In further support of an autoimmune basis of celiac disease neurological complications, 8 of 13 celiac patients with neurological dysfunction had anti-neuronal antibodies to the central nervous system(4). This was significantly higher when compared with only 1 in 20 celiac patients who had anti-neuronal antibodies but no neurological involvement. Furthermore, 30 non-celiac control patients, who had other autoimmune gastrointestinal diseases or had donated blood, had no detectable anti-neuronal antibodies. After one year of treatment on a gluten-free diet, anti-neuronal antibodies disappeared in 6 of the 8 celiac patients with neurological dysfunction. In 5 of these 6 patients, the neurological symptoms partially or completely resolved. However, anti-neuronal antibodies are not specific for neurological disorders associated with celiac disease since they are also found in other patients with nervous system disorders.

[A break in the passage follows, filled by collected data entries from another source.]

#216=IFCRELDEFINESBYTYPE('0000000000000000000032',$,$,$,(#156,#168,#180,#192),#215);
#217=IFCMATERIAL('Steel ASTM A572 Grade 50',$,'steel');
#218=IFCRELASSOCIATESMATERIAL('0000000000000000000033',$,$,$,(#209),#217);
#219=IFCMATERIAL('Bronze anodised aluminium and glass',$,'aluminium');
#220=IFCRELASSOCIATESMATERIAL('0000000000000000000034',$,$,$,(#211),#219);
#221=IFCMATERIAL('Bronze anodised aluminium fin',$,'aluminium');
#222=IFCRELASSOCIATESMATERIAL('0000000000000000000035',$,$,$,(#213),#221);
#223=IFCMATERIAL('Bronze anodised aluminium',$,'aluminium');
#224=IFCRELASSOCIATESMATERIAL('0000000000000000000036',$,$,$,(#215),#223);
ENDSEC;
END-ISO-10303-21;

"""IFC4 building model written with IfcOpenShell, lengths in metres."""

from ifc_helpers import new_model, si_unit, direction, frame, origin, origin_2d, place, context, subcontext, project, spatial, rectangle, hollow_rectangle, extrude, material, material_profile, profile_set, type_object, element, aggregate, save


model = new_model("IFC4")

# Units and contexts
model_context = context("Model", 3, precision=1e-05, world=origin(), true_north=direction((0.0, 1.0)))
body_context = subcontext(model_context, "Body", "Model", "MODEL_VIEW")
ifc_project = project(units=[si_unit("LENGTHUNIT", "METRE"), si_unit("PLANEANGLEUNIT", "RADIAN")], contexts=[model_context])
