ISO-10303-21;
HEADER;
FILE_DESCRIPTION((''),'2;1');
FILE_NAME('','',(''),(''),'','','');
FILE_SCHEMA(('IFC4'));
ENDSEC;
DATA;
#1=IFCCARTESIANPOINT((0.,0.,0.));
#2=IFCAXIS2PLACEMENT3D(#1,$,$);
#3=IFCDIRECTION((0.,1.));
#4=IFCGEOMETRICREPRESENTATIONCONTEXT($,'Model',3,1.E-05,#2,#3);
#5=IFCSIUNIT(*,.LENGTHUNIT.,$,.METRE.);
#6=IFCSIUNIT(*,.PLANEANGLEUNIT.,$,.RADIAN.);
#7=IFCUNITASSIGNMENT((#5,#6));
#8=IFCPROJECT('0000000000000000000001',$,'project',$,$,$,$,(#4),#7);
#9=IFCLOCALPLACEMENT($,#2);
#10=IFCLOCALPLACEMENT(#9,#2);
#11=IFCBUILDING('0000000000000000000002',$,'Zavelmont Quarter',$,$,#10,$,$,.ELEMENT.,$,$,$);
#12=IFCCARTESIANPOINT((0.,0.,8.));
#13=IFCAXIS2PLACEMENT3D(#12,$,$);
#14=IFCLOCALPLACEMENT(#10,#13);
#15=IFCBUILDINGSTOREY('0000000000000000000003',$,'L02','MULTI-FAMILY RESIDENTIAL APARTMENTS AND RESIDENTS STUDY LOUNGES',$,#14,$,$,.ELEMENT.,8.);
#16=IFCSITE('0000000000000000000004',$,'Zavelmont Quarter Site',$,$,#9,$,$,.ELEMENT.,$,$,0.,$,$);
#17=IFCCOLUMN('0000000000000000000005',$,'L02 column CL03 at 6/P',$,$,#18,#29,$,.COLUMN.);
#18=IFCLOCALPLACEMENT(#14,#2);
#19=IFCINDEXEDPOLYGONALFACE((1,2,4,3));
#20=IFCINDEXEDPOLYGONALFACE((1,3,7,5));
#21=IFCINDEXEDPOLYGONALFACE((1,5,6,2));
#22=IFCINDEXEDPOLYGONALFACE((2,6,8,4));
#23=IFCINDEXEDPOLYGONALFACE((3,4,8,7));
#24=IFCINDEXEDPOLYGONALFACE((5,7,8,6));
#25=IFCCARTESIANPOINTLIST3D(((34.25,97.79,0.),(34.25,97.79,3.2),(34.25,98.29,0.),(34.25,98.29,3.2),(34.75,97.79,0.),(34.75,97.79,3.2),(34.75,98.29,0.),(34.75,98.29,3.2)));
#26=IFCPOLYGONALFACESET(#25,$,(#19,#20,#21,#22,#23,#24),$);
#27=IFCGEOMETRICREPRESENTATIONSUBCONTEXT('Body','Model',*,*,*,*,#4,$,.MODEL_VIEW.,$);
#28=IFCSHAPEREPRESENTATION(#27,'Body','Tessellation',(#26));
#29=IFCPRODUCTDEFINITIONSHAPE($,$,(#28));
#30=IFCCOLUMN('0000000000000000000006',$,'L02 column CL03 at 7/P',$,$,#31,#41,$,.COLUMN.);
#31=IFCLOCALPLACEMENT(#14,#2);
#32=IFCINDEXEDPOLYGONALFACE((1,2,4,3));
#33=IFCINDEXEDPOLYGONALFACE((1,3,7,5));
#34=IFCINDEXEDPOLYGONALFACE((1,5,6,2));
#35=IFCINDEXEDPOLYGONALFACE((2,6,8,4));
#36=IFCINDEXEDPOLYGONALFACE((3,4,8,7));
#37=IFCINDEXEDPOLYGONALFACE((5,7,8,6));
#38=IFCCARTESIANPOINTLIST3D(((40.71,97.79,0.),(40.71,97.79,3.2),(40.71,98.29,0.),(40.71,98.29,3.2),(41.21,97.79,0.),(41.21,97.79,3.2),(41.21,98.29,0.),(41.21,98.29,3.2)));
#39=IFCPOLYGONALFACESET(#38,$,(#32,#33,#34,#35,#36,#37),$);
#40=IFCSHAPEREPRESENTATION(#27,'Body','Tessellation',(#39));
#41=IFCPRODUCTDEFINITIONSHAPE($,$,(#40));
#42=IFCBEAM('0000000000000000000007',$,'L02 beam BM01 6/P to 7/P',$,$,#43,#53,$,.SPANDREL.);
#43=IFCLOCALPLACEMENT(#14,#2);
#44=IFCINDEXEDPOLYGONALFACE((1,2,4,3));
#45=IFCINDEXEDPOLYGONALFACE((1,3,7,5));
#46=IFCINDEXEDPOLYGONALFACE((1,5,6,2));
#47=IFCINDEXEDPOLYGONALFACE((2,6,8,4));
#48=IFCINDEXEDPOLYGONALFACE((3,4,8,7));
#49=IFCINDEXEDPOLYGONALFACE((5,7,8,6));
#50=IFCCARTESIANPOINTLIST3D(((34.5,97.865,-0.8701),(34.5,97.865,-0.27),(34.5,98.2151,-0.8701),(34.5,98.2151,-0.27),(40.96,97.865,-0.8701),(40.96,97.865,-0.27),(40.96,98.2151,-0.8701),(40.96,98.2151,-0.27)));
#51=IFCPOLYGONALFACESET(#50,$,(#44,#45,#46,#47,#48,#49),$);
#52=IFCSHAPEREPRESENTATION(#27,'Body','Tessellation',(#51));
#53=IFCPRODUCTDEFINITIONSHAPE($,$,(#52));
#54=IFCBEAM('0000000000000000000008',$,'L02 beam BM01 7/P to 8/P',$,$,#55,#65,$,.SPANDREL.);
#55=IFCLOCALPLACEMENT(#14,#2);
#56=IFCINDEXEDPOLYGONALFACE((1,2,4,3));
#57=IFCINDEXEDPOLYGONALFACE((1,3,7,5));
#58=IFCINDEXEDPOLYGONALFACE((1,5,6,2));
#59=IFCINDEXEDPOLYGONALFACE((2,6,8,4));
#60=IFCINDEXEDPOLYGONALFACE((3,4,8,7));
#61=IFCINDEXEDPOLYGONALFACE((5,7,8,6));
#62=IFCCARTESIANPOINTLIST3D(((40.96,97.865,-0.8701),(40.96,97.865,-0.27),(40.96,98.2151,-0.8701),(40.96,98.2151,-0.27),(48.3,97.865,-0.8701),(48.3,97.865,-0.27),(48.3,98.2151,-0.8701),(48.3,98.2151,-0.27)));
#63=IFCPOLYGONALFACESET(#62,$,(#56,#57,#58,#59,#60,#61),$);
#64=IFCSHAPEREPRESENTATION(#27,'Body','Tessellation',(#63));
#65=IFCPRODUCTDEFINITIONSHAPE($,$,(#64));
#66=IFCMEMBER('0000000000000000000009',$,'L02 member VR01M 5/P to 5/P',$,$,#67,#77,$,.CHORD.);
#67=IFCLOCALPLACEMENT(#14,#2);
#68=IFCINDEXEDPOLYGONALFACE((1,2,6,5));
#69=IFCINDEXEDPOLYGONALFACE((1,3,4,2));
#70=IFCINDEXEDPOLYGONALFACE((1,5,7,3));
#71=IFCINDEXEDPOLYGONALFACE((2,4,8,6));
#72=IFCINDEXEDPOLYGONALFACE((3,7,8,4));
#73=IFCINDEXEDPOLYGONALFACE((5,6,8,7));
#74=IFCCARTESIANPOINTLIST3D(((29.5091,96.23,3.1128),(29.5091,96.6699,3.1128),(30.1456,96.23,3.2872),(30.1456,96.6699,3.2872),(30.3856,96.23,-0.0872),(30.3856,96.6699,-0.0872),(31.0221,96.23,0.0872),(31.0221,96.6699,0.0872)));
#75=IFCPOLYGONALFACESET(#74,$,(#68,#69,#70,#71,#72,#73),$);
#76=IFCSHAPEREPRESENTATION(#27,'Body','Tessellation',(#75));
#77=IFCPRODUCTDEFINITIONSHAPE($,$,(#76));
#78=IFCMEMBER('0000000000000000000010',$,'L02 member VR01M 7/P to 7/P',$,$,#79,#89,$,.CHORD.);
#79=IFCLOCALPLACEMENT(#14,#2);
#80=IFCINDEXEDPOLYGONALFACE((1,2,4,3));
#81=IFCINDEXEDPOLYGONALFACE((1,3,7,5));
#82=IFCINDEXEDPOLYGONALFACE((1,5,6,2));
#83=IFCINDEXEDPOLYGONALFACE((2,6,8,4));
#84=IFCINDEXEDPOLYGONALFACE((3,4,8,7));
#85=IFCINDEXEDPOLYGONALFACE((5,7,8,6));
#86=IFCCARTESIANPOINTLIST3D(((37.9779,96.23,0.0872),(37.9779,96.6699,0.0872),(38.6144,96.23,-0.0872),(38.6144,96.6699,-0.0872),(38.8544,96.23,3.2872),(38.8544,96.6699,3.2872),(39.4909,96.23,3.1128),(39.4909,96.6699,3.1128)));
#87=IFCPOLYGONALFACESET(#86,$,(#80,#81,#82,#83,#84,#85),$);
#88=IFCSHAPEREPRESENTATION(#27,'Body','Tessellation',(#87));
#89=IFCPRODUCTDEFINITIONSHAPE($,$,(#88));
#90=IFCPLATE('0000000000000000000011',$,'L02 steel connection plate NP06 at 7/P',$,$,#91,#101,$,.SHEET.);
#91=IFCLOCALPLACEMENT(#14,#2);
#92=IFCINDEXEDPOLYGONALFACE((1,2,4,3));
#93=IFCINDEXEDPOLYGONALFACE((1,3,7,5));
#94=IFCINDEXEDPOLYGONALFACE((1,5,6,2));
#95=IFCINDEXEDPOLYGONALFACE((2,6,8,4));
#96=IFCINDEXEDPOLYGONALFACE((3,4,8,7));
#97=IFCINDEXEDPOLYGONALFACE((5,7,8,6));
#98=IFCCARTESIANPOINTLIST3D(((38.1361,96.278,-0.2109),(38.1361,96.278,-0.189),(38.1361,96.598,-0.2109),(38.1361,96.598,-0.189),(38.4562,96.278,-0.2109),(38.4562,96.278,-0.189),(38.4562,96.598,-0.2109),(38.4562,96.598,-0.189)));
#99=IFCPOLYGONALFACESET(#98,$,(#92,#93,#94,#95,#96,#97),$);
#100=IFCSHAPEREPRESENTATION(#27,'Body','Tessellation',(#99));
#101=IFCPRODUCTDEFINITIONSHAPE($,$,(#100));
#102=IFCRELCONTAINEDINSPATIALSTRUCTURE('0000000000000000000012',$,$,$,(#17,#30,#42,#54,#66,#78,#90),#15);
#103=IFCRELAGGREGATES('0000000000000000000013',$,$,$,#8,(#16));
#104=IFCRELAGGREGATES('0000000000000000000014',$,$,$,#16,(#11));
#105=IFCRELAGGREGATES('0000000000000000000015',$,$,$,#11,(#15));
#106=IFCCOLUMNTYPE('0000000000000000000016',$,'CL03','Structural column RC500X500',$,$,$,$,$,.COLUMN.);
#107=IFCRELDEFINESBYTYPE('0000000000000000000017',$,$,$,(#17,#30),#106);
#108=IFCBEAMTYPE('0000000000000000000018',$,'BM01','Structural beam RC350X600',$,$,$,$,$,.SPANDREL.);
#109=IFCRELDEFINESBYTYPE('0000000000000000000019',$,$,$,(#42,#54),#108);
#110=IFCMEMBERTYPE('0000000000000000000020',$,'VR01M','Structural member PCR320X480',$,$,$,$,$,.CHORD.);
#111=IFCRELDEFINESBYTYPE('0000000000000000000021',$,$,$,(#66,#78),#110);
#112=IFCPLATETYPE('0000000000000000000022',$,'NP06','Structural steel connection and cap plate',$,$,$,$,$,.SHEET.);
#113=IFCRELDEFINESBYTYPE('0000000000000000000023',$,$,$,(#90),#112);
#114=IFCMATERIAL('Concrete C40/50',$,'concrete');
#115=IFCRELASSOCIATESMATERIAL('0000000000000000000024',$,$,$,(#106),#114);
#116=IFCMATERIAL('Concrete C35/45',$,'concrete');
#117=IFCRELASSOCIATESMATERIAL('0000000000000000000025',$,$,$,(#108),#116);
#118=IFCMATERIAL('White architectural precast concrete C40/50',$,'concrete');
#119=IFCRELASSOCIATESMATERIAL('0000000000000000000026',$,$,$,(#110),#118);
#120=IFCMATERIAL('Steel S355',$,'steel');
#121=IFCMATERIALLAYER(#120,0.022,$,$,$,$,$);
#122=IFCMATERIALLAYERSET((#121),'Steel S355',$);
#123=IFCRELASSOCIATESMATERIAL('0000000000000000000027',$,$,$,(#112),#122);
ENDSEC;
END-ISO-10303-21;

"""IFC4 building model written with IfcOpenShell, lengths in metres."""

from ifc_helpers import new_model, si_unit, direction, frame, origin, origin_2d, place, context, subcontext, project, spatial, rectangle, extrude, material, layer, layer_set, material_profile, profile_set, type_object, element, save


model = new_model("IFC4")

# Units and contexts
model_context = context("Model", 3, precision=1e-05, world=origin(), true_north=direction((0.0, 1.0)))
body_context = subcontext(model_context, "Body", "Model", "MODEL_VIEW")
ifc_project = project(units=[si_unit("LENGTHUNIT", "METRE"), si_unit("PLANEANGLEUNIT", "RADIAN")], contexts=[model_context])

# Site, building, storey
site_placement = place(None, origin())
site = spatial("IfcSite", under=ifc_project, at=site_placement, Name="Zavelmont Quarter Site", CompositionType="ELEMENT", RefElevation=0.0)
building_placement = place(site_placement, origin())
building = spatial("IfcBuilding", under=site, at=building_placement, Name="Zavelmont Quarter", CompositionType="ELEMENT")
storey_placement = place(building_placement, frame((0.0, 0.0, 8.0)))
storey = spatial("IfcBuildingStorey", under=building, at=storey_placement, Name="L02", Description="MULTI-FAMILY RESIDENTIAL APARTMENTS AND RESIDENTS STUDY LOUNGES", CompositionType="ELEMENT", Elevation=8.0)

# Columns
ifc_material_1 = material(Name="Concrete C40/50", Category="concrete")
ifc_material_profile_1 = material_profile(ifc_material_1, rectangle(XDim=0.5, YDim=0.5, at=origin_2d()), Name="RC500X500")
ifc_profile_set_1 = profile_set([ifc_material_profile_1], Name="Concrete C40/50")
column_type = type_object("IfcColumnType", Name="CL03", Description="Structural column RC500X500", PredefinedType="COLUMN", material=ifc_profile_set_1)
for number, where, z_axis, x_axis, name in (
    (1, (34.5, 98.04, 0.0), (0.0, 0.0, 1.0), (1.0, 0.0, 0.0), "L02 column CL03 at 6/P"),
    (2, (40.96, 98.04, 0.0), (0.0, 0.0, 1.0), (1.0, 0.0, 0.0), "L02 column CL03 at 7/P"),
):
    element("IfcColumn", number, at=place(storey_placement, frame(where, z_axis=z_axis, x_axis=x_axis)), inside=storey, type_object=column_type, Name=name, PredefinedType="COLUMN", context=body_context, shape_type="SweptSolid", body=[
        extrude(rectangle(XDim=0.5, YDim=0.5, at=origin_2d()), origin(), (0.0, 0.0, 1.0), 3.2),
    ])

Identification of neurological patients with gluten-sensitivity with or without histological evidence of celiac disease is necessary in order to provide them the opportunity for treatment with a gluten-free diet. Identification should be further aided when the exact mechanisms of neurological complications in gluten-sensitive patients are understood. Finally, immediate treatment with a gluten-free diet early in the progression of the disease may be crucial in the prognosis of whether the neurological disorder is reversible.
Glossary of Terms:
- ataxia: impaired muscle coordination
- Central Nervous System (CNS): the portion of the nervous system involving the brain and spinal cord
- cerebellum: portion of the brain involved in equilibrium and coordination; cerebellar (adj.)

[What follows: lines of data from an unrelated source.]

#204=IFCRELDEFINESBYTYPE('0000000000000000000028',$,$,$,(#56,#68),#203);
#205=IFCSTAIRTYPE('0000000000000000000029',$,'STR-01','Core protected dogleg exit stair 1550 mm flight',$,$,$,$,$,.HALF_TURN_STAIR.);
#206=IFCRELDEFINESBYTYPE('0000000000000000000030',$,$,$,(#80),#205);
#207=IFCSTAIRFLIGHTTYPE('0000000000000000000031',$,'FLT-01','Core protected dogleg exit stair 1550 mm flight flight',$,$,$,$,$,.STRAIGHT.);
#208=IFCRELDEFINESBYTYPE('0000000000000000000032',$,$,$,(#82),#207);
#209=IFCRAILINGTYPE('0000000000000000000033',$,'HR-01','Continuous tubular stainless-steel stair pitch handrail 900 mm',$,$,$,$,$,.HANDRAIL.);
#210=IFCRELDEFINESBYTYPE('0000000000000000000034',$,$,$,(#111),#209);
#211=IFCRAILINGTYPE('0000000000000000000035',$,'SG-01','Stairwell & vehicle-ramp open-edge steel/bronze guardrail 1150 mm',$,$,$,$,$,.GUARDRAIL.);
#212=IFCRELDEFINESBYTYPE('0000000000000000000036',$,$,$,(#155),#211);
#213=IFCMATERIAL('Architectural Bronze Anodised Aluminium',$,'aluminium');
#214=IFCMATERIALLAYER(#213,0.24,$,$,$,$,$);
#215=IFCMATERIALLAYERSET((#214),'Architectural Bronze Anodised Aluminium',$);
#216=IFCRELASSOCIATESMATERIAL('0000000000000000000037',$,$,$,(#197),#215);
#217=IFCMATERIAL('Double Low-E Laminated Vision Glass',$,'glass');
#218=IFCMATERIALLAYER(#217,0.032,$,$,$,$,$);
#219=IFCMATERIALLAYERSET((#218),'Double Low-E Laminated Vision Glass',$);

- dementia: impaired intellectual function
- epilepsy: neurologic disease resulting in convulsions or loss of consciousness
- idiopathic: the disease has an unknown cause
- neurological: having to do with the nervous system
- neuron: nerve cell
- neuropathy: any disease of the nervous system
- paroxysm: convulsion
- Peripheral Nervous System (PNS): the portion of the nervous system outside of the brain and spinal cord; peripheral (adj.)

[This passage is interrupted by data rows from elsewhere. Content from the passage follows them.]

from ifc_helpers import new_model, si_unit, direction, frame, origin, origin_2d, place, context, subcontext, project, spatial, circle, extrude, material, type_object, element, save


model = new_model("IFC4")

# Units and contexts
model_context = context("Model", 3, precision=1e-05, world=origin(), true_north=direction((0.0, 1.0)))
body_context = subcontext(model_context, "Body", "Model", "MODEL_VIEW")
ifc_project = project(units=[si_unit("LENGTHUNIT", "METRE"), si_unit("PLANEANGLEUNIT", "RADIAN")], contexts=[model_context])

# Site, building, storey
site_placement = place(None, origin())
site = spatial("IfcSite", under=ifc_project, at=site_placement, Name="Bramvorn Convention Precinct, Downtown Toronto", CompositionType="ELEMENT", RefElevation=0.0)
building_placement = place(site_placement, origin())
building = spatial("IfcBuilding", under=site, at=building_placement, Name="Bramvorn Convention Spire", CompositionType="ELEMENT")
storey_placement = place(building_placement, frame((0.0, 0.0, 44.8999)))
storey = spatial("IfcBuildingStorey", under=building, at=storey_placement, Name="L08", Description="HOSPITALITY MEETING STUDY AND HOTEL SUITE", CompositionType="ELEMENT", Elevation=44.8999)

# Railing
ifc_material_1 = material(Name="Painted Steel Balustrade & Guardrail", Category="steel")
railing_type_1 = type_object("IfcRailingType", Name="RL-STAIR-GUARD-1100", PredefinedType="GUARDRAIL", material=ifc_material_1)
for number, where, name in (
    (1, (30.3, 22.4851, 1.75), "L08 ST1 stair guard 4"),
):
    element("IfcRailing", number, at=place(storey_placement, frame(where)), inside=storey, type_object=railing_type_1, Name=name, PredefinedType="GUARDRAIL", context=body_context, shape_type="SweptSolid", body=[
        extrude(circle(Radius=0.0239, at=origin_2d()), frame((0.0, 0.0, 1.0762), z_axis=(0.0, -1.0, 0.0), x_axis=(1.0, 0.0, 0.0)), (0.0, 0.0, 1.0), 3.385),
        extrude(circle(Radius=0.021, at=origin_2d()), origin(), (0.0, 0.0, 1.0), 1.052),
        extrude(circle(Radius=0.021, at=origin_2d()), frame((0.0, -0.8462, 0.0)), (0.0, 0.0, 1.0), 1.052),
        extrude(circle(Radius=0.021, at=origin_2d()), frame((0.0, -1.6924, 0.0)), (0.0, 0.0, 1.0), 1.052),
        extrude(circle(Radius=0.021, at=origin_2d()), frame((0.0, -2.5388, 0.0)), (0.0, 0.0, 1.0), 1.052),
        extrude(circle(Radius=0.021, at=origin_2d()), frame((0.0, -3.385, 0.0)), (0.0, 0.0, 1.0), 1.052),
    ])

- Purkinje cell: a type of neuron that is highly branched, mostly found in the cerebellum
References:
- Hadjivassiliou M et al 2003. Gluten ataxia in perspective: epidemiology, genetic susceptibility and clinical characteristics. Brain 126: 685-91.
- Tengah D et al 2002. Neurological complications of coeliac disease. Postgrad Med J 78: 393-98.
- Hadjivassiliou, et al. 2002. Gluten sensitivity as a neurological illness. J Neurol Neurosurg Psychiatry 72: 560-3
- Volta U, et al. 2002. Clinical findings and anti-neuronal antibodies in coeliac disease with neurological disorders. Scand J Gastroenterol 37: 1276-81.
- Tursi A et al 2001. Low prevalence of antigliadin and anti-endomysium antibodies in subclinical/silent celiac disease. Am J Gastroenterol 96: 1507-1510.
- Hadjivassiliou M, et al. 2003. Dietary treatment of gluten ataxia. J Neurol Neurosurg Psychiatry 74: 1221-24.
- Will AJ. 2000. The neurology and neuropathy of coeliac disease. Neuropathy and Applied Neurobio 226: 493-96.
- Cross A, and Golumbek, P. 2003. Neurologic manifestations of celiac disease. Neurology 60: 1566-1568.
- Hadjivassiliou M, et al. 2002. The humoral response in the pathogenesis of gluten ataxia. Neurology 58: 1221-26.